Dr. Nox | 2023-12-15

Some new assignments had questions about our work here, so I'm publishing this to clear most of them up. Feel free to contact my office if there are any others.

The Atzak Protocol is a method for gathering and processing the Y-909 compound. It's a thick, brackish, grey fluid that SCP-3000 excretes as part of its metabolism. We don't know the exact method by which it does this, but we have some ideas, and none of them are great for us.

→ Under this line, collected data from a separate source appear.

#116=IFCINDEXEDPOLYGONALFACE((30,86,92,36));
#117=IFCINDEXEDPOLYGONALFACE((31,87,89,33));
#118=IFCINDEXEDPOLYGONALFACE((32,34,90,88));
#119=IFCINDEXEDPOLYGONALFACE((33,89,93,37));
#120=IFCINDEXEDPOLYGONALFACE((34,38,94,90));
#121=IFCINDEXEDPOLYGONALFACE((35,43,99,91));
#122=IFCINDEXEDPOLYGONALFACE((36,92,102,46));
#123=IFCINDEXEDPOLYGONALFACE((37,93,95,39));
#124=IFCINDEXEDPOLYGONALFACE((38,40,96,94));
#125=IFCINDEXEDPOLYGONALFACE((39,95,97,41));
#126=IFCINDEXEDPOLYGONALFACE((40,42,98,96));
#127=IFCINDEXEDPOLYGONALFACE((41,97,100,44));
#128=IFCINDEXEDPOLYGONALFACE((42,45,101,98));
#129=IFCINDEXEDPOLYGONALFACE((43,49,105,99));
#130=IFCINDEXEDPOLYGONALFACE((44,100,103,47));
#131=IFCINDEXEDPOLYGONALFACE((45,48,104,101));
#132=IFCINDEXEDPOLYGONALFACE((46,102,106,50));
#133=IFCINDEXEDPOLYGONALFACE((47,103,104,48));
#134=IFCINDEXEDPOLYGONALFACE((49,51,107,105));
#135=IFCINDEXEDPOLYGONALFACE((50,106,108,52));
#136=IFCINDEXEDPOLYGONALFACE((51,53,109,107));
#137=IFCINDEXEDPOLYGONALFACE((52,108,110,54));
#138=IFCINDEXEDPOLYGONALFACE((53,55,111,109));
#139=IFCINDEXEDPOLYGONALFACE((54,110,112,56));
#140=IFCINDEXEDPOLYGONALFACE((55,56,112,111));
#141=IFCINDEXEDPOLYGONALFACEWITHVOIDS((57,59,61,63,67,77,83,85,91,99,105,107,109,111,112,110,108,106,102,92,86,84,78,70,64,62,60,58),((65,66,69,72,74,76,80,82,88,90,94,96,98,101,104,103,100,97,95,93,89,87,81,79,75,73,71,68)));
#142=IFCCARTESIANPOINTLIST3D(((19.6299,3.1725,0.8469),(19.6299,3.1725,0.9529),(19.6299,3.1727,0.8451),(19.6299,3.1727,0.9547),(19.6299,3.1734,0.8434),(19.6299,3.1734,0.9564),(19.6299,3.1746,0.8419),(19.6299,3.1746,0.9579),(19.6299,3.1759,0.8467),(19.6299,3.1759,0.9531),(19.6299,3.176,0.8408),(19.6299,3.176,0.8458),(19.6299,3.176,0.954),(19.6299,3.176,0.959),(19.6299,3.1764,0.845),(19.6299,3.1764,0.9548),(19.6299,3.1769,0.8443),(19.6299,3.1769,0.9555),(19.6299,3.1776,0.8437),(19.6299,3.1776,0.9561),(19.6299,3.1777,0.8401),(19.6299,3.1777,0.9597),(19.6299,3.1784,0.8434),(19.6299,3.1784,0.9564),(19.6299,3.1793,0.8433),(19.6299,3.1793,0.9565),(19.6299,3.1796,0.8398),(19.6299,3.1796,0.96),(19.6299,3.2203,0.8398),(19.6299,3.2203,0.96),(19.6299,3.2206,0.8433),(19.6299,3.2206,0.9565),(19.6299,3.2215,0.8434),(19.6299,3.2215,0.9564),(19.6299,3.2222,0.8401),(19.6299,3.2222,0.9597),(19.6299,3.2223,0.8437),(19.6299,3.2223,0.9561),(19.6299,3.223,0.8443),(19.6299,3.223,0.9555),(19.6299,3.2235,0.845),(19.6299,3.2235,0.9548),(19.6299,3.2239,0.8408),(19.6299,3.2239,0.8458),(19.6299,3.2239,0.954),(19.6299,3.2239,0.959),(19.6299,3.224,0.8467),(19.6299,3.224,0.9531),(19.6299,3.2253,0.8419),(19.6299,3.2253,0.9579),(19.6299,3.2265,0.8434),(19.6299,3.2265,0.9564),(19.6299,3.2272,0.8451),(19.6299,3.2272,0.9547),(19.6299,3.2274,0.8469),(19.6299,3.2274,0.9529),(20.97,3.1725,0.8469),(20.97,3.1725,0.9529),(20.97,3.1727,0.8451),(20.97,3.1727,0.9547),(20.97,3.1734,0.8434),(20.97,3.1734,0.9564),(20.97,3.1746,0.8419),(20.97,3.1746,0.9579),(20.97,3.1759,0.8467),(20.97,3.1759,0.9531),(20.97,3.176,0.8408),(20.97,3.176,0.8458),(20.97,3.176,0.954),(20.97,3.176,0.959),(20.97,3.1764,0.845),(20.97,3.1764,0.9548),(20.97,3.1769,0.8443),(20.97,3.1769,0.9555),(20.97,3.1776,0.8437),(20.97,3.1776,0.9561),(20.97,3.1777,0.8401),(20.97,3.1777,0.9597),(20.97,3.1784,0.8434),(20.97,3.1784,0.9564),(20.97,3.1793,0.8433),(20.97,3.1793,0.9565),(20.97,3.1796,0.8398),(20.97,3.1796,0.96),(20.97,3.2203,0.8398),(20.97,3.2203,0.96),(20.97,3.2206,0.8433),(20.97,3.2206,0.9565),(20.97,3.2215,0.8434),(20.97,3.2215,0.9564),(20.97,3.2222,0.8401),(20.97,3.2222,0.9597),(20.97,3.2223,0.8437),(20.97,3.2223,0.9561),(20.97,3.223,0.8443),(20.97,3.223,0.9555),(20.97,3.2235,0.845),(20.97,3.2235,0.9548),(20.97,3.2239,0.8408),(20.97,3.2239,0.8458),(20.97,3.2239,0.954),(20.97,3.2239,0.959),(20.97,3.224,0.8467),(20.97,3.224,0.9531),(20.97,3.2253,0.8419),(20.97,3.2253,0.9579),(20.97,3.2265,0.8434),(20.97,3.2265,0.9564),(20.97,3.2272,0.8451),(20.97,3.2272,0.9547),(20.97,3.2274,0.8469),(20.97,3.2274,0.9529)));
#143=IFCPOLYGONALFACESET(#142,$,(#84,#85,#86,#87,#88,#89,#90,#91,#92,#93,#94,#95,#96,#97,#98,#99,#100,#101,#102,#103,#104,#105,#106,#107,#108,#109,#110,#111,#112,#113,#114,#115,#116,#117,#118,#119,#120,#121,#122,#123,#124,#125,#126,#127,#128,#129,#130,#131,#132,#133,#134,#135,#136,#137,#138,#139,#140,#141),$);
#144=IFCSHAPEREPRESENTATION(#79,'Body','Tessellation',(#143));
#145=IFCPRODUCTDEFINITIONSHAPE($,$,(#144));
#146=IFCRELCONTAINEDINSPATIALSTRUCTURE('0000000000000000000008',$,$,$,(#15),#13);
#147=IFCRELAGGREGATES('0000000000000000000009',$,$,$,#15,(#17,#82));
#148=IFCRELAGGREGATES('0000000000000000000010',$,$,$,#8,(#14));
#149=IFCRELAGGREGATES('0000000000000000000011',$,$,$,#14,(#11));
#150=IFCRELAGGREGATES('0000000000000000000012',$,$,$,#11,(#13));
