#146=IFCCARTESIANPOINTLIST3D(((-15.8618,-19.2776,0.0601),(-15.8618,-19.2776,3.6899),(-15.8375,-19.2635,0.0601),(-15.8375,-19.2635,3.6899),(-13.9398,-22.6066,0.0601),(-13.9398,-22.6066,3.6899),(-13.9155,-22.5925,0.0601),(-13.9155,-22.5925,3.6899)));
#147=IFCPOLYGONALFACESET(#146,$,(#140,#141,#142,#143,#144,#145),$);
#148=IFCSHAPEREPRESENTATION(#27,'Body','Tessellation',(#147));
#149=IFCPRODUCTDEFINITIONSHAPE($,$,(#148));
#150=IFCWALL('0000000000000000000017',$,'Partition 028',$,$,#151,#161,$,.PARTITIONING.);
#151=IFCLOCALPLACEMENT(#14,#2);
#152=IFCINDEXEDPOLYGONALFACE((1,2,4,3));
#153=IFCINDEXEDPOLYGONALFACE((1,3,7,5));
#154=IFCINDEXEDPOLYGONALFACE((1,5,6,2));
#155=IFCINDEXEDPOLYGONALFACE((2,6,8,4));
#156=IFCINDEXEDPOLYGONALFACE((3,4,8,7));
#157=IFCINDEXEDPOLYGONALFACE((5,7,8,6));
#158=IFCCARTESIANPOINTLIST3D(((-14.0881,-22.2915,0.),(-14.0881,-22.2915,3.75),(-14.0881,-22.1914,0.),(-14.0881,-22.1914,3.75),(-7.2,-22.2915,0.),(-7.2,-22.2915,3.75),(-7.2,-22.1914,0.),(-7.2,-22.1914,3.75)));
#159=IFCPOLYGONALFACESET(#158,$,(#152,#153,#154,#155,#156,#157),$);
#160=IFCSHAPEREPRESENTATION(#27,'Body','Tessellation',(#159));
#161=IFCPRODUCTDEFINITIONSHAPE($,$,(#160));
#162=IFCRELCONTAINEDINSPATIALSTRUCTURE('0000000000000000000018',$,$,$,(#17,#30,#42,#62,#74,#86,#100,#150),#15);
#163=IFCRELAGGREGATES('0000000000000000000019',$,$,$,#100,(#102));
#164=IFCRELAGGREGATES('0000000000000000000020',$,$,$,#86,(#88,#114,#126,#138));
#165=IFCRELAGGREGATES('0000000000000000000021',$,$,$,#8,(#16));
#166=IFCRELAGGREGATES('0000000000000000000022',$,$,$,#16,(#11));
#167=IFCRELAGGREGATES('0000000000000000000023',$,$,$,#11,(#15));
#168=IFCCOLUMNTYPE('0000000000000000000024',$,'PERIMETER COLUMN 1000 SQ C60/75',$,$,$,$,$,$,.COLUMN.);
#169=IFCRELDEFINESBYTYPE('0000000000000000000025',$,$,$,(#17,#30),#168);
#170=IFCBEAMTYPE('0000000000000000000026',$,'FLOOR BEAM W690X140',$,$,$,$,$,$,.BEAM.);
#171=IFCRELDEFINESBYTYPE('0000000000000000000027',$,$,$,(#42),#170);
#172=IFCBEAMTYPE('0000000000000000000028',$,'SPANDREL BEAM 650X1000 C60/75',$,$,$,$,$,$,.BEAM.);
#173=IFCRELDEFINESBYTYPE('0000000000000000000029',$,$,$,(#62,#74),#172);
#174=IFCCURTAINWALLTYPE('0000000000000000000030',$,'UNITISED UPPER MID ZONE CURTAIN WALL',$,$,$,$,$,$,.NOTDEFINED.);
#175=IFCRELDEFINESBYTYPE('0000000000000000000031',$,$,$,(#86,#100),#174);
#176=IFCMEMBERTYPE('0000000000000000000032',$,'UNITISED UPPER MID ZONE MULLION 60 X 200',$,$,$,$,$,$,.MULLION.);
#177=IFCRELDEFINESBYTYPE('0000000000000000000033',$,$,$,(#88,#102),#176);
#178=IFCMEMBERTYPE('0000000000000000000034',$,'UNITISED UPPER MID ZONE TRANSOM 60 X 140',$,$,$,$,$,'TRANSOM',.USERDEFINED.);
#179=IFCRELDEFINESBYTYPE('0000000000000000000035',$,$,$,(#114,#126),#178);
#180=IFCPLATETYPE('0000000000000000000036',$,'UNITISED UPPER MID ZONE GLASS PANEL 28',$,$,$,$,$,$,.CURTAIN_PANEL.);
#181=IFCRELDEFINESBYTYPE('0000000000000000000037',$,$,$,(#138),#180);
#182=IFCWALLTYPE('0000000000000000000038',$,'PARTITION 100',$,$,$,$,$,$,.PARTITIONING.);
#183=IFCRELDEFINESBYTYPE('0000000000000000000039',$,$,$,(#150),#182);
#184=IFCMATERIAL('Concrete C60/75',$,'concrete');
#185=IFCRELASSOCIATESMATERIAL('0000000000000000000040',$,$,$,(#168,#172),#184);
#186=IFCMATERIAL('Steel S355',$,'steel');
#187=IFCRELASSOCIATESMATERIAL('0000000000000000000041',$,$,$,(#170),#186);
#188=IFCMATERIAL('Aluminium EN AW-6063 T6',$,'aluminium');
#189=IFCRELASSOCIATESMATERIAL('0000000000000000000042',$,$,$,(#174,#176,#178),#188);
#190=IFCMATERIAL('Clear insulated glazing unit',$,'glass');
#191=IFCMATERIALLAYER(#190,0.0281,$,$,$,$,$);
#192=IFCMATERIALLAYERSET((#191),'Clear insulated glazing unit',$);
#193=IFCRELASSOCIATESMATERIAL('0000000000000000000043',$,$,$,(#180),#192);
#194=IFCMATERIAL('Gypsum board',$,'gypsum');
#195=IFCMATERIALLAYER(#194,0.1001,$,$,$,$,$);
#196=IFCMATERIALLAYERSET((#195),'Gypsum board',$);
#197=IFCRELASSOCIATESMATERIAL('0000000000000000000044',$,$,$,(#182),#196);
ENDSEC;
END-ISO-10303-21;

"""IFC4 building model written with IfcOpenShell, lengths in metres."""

Initially, we thought it was bleeding. The first team we sent down to look at SCP-3000 went down to collect blood samples for analysis. When SCP-3000 attacked and consumed them, and began producing more of the substance, we realized that we were looking at something different entirely. It's definitely not blood, it's more akin to a prion slurry. It's extremely toxic, and spending too much time around the stuff causes a lot of the same effects as exposure to SCP-3000 does. Paranoia, memory loss, suicidal thoughts, etc. Refining the raw Y-909, what the processors call "eel jelly", allows us to create amnestics more effective than any we've ever had access to in the history of this organization.

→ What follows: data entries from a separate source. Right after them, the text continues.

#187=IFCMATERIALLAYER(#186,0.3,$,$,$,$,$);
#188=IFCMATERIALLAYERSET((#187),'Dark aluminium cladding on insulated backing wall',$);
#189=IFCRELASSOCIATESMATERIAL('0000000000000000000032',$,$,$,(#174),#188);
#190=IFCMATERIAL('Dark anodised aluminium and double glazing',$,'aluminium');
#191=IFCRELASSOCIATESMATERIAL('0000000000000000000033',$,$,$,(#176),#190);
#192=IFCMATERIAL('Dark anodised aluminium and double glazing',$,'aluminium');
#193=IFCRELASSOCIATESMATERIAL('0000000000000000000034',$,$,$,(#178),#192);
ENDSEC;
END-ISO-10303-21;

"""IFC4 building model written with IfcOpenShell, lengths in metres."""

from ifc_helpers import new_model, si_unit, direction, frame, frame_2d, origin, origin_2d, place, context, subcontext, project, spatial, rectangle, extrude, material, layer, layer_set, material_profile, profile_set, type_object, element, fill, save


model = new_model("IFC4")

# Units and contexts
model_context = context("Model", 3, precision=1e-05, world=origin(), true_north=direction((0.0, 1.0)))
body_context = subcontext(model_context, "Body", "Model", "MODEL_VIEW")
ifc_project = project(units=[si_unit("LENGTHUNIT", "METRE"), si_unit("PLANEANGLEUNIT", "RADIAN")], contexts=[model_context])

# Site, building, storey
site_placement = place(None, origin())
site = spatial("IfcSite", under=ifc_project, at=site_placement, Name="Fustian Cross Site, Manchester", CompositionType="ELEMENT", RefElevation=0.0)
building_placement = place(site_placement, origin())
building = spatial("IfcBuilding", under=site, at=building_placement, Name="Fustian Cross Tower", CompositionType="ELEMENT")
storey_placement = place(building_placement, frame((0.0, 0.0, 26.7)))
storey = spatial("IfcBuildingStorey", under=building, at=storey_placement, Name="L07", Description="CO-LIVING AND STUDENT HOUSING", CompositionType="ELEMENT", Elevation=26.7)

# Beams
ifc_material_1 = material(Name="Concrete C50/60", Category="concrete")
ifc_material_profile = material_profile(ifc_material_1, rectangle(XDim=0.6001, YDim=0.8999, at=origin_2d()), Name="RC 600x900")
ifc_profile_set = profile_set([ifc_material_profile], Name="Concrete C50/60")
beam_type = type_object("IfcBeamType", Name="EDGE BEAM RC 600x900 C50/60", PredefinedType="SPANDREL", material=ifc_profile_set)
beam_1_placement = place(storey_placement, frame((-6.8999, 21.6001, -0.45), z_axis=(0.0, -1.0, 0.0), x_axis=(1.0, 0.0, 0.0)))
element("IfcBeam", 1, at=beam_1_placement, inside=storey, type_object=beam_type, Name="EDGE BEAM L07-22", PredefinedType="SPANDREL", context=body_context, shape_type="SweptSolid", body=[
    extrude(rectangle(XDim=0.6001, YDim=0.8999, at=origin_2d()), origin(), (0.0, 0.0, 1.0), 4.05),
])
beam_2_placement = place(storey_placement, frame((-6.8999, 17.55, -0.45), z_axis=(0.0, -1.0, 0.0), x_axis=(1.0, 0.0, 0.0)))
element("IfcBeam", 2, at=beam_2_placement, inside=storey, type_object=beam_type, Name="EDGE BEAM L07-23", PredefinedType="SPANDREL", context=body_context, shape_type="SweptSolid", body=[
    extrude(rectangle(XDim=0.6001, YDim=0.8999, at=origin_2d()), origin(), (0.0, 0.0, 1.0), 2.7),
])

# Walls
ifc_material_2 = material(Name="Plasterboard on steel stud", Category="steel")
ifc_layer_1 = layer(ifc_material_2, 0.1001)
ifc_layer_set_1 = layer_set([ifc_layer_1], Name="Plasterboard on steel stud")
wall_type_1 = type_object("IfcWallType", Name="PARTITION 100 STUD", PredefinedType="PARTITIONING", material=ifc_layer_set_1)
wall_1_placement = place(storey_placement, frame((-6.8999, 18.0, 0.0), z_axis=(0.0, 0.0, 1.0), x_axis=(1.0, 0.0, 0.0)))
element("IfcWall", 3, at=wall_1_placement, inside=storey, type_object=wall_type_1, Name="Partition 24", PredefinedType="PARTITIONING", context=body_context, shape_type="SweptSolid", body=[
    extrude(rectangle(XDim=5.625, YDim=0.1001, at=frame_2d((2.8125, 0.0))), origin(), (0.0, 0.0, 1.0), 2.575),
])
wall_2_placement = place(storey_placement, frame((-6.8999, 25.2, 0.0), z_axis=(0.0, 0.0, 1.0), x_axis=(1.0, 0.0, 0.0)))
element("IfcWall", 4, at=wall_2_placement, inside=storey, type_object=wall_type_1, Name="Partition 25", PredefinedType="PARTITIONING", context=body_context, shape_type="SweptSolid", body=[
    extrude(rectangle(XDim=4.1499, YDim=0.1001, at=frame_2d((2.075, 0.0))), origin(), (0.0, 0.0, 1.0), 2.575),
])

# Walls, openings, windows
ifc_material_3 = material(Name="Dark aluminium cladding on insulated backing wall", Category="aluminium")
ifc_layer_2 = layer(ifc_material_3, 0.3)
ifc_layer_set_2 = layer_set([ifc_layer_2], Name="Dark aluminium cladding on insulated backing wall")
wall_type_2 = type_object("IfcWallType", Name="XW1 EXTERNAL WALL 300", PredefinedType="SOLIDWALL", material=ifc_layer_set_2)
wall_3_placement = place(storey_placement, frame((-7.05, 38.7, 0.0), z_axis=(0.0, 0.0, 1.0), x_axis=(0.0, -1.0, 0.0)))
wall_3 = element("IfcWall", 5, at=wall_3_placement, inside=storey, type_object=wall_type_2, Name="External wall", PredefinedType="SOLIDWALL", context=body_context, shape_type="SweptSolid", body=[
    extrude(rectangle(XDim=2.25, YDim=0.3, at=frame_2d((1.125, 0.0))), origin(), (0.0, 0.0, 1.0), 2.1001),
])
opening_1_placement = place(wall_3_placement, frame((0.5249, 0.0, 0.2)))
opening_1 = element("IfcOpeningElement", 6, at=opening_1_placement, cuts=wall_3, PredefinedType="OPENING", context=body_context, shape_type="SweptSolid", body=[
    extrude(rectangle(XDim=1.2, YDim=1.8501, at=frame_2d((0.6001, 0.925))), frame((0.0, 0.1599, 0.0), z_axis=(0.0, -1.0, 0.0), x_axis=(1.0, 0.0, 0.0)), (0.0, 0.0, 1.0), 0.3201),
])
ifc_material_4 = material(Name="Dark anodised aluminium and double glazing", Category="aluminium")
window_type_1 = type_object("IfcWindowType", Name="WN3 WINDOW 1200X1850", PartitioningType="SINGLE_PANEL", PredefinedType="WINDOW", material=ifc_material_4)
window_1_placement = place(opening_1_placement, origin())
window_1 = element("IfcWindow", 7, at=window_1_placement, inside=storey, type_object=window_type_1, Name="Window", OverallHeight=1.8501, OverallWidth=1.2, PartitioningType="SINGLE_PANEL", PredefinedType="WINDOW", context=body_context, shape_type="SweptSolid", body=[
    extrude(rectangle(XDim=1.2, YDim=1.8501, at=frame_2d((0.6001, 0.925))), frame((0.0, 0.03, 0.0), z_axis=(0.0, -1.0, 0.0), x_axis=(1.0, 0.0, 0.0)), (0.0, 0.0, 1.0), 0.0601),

Herein lies the ethical dilemma. SCP-3000 only creates Y-909 after eating, and it only eats humans. Remember when I said we had some ideas about how it does this? Some of our biologists have hypothesized that SCP-3000 is breaking down whatever makes sapient creatures sapient, filtering it through some part of its skin, and the residual ether is what we collect. You want to know something really fucked up? We've taken radiographs of this thing, trying to see what's going on inside of it. It's full of dead human bodies. It's not digesting them at all, it's doing something else, and the end result is Y-909.

When we first started using Y-909 in our amnestics programs, we tried to synthesize it. We got something close to what we were looking for, Y-919, but the side effects were catastrophic. The amnestics would work, we could get people to forget events, people, and so on. But then they would start to forget other things, too. The mental deterioration would rapidly increase until there was nothing left, and then they would die. A few of those researchers thought we might be able to figure out how to decrease the severity of those side effects, but the cost to continue those trials would have been astronomical, and the program was discontinued.

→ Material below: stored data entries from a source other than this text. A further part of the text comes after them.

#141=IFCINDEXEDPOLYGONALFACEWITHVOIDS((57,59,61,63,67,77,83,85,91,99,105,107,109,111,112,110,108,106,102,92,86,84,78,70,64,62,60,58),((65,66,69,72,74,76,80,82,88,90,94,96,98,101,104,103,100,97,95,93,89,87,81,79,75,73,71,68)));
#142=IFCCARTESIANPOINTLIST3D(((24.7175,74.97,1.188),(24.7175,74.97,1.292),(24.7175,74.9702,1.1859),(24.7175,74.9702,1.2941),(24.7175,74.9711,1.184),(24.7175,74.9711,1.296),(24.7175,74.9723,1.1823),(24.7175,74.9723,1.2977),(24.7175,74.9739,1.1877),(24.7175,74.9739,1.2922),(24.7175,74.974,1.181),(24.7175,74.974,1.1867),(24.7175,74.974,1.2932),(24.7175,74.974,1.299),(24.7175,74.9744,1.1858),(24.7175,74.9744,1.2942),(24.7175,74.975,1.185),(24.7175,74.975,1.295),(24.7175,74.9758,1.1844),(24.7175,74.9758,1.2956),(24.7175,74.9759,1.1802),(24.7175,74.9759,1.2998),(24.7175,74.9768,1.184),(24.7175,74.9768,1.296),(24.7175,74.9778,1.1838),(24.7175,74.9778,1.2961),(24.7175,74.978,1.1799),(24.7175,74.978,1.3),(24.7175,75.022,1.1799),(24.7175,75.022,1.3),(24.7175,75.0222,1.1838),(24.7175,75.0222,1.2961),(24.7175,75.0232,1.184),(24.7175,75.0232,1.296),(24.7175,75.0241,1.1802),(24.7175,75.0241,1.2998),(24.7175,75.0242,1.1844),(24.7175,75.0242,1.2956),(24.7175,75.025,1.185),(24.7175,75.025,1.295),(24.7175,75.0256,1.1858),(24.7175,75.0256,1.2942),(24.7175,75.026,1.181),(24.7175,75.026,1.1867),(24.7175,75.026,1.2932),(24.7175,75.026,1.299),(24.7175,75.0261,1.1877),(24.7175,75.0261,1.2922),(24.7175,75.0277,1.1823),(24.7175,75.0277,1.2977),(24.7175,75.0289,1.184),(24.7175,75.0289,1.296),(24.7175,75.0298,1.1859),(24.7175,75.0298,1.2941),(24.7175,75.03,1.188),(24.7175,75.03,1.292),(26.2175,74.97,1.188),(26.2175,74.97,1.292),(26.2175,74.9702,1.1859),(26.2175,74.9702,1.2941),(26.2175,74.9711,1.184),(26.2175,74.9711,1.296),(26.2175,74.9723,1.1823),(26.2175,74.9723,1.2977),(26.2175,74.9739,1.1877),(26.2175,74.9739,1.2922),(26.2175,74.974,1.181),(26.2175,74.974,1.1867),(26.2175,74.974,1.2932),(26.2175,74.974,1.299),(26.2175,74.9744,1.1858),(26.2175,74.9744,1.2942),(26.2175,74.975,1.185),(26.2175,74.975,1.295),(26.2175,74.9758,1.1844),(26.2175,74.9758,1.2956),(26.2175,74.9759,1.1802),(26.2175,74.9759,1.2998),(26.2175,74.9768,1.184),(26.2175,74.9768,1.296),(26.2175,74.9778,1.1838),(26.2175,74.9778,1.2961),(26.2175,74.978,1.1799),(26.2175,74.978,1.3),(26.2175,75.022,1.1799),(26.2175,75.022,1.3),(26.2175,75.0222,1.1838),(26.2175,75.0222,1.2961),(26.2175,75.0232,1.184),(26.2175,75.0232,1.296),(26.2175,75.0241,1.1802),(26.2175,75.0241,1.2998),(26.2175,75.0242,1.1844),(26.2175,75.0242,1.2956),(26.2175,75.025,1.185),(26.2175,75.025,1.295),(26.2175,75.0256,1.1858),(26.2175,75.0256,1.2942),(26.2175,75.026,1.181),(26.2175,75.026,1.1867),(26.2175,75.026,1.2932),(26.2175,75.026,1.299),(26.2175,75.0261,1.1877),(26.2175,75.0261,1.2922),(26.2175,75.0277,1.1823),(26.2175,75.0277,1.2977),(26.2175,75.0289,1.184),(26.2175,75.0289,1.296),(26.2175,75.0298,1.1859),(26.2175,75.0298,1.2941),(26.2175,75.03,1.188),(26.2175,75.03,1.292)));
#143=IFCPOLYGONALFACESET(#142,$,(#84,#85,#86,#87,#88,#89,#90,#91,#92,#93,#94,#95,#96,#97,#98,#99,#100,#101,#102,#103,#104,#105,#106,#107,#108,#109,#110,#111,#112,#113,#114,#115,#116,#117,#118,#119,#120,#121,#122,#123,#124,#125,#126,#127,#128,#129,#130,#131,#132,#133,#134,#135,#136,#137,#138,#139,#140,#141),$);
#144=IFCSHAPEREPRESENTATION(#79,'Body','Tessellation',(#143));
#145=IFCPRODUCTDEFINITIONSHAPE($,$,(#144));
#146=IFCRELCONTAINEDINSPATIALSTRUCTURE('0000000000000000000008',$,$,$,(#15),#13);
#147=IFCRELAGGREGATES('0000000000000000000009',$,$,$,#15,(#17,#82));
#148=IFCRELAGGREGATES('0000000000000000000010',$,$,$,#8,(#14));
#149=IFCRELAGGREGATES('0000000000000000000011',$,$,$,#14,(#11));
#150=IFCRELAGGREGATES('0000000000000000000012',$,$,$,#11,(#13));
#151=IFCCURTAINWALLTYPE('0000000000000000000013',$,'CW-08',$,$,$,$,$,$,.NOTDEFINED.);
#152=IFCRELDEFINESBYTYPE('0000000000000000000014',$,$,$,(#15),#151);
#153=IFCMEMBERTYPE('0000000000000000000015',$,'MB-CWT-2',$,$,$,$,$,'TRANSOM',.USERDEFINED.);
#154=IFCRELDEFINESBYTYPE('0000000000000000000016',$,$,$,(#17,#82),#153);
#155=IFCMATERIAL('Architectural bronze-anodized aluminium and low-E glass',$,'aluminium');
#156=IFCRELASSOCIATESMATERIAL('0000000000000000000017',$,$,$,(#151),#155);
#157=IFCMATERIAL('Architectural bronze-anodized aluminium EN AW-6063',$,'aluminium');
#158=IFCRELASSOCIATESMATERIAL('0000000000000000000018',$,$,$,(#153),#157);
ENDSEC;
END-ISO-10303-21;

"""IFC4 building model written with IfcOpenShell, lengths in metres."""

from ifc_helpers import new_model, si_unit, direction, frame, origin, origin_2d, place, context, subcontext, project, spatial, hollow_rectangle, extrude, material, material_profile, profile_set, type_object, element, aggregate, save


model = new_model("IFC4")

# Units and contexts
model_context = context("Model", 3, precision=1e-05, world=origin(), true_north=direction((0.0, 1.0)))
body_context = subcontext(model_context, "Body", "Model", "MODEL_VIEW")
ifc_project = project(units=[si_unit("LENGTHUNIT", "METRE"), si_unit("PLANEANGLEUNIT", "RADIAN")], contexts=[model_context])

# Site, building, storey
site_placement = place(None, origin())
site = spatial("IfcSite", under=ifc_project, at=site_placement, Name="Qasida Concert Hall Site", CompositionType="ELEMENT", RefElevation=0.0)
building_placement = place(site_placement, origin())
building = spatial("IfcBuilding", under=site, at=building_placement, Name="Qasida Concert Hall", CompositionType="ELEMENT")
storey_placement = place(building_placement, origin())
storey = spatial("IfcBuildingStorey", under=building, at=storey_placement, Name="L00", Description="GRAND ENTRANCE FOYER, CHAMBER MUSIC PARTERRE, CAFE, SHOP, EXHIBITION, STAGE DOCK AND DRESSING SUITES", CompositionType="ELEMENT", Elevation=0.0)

It's no secret that what we're doing here is abhorrent. The Ethics Committee, the Classification Committee, they're all looking at ways to make this more tolerable than what it is. But the hard truth is, if we want to continue to use modern amnestics, we have to have Y-909. If we want to have Y-909, we have to feed D-Class to SCP-3000. Otherwise, we'd be forced to go back to the metaphorical dark ages, where we were amnesticizing people with opiates and chloroform.

The good news is, we're developing ROVs that should be able to take over the job of collecting the raw material from our dive teams. This will eliminate any chance of accidental casualties like we've had in the past, and is a good first step. For everything else, only time will tell.